Hi! My name is Jordan Devine and I am from Mahwah, New Jersey. I am a Marketing
Major with a concentration in Digital Marketing and a minor in Communications.
Here at JMU, I am part of multiple organizations. I am the VP of Marketing for The
Professional Sales Club, a Scratch Pad Agency Scribbler for the Scratch Pad Club, and
a member of Alpha Sigma Alpha here on campus. Outside of class, I like to hang out
with my friends and family, go out to eat, and go on walks/runs.
Hello, my name is Sean Landicho. I am originally from Howard County, Maryland but
just recently moved to Ocean City. I am a Marketing major with a concentration in
digital marketing. I hope to use the skills I learn in college and in the workplace to
eventually start my own digital marketing company. At JMU, I am a member of the
Alpha Sigma Phi Fraternity where I help with the recruitment of new members and
philanthropy events. Outside of school, I enjoy working out and studying philosophy.
Hello, my name is Joseph Merhi and I am a Finance major from Boca Raton, Florida.

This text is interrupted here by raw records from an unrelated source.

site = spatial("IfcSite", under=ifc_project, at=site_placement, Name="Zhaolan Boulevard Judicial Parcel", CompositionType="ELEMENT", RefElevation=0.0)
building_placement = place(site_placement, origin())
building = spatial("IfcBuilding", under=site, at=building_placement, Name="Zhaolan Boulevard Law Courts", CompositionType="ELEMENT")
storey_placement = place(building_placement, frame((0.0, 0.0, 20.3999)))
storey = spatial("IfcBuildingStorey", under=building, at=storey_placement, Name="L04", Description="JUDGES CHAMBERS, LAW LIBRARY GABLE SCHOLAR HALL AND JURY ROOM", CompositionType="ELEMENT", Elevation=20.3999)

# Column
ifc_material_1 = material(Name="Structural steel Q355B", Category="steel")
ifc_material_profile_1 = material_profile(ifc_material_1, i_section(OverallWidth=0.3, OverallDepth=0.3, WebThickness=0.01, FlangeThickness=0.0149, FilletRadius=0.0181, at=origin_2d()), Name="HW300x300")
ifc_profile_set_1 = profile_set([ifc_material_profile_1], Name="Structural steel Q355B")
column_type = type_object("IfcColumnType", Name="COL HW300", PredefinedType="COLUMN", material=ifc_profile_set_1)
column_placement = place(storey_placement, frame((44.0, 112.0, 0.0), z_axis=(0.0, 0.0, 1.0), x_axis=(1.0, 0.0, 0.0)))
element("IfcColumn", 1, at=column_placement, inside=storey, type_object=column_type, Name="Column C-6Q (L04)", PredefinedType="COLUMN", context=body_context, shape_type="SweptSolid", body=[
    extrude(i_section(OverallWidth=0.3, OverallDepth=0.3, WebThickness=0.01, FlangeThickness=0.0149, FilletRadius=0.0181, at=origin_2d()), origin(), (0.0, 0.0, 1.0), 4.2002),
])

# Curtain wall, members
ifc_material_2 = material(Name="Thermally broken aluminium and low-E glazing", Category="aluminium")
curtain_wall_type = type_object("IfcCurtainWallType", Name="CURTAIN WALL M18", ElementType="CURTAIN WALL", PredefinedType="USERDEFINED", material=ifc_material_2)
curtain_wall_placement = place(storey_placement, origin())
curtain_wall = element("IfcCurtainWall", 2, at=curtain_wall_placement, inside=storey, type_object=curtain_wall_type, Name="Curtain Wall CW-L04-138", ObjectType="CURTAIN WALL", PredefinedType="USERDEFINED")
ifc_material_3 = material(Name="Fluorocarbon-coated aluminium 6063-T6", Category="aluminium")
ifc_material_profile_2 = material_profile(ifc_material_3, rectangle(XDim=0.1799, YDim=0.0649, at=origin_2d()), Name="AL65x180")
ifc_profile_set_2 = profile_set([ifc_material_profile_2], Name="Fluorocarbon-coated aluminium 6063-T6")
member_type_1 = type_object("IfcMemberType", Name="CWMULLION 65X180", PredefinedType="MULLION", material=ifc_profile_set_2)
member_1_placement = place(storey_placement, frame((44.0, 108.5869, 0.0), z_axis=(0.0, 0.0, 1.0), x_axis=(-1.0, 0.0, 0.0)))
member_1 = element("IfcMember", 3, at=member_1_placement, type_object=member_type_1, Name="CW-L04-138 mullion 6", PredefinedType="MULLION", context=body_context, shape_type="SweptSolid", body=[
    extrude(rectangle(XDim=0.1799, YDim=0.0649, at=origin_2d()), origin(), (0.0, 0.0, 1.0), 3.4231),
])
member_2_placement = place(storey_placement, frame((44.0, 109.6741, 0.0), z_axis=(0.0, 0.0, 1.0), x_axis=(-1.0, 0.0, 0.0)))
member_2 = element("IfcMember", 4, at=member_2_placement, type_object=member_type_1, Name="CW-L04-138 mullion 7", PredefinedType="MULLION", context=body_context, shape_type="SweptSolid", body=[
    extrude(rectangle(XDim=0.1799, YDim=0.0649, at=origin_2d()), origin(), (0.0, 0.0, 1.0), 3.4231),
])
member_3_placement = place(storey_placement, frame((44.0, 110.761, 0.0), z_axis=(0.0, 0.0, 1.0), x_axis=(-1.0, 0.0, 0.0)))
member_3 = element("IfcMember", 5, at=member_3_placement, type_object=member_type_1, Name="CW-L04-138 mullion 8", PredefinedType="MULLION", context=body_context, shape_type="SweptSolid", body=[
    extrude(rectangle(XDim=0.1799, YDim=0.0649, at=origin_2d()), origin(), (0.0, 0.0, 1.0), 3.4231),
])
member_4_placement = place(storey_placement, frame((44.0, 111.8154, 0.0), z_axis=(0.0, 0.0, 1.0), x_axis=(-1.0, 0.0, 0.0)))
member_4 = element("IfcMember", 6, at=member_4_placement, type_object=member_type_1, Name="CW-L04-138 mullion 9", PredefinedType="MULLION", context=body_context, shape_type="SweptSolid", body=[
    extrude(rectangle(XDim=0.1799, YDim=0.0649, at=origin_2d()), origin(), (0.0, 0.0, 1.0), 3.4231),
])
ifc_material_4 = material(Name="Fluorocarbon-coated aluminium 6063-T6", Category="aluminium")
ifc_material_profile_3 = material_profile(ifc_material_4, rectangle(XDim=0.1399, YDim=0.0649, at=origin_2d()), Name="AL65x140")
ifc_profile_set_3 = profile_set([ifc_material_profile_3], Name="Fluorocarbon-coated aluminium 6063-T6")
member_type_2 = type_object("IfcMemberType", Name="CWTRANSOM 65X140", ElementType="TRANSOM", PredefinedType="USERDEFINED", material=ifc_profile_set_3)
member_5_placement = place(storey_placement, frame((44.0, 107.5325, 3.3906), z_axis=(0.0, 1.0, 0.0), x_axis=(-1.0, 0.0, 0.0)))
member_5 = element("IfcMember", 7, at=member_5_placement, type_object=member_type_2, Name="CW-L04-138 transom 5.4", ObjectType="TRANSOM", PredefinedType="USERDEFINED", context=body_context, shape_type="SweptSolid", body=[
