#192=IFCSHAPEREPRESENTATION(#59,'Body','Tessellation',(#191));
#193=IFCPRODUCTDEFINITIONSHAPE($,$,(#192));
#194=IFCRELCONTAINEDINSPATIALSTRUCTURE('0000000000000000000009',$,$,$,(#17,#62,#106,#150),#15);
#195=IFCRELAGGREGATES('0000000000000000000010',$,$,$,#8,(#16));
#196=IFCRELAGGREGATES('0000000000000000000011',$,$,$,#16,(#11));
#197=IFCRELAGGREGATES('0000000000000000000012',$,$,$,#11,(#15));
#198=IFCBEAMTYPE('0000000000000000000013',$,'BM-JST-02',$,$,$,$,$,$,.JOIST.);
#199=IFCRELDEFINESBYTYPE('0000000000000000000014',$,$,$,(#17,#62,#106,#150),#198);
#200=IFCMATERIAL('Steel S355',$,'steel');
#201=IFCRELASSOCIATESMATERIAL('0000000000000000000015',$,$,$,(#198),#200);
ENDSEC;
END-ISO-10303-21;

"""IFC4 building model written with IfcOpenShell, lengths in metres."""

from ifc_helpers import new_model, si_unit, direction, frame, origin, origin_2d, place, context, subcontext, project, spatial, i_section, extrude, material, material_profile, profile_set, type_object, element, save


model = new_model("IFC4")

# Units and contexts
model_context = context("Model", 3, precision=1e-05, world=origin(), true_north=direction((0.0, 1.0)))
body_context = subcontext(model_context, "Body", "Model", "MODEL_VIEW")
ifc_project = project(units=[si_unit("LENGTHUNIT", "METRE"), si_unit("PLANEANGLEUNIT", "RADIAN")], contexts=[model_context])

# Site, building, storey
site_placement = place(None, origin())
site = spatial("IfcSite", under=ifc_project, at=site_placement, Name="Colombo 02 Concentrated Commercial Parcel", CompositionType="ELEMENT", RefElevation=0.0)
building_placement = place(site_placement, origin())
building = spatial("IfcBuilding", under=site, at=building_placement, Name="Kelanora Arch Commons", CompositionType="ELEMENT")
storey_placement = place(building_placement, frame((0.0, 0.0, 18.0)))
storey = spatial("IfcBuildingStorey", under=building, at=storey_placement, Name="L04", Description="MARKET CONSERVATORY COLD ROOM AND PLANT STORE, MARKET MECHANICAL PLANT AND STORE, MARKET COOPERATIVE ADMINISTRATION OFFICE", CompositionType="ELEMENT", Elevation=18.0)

At JMU, I am the Treasurer of the Middle Eastern Student Association, and I’m also
involved in the Financial Management Association and DECA. Outside of school, I
like to play football and basketball with friends and hang out with my two younger
brothers.
Hello, my name is Ryan Negola and I am a Marketing major with a concentration in
Digital Marketing from Duncansville, Pennsylvania. At JMU, I am a member of the
Honors College and a former employee at the University Recreation Center. After I
graduate, I hope to pursue an MBA in Marketing and further my education to create
more opportunities for a career I enjoy. Outside of school, I enjoy hanging out with
my friends, golfing, and watching sports.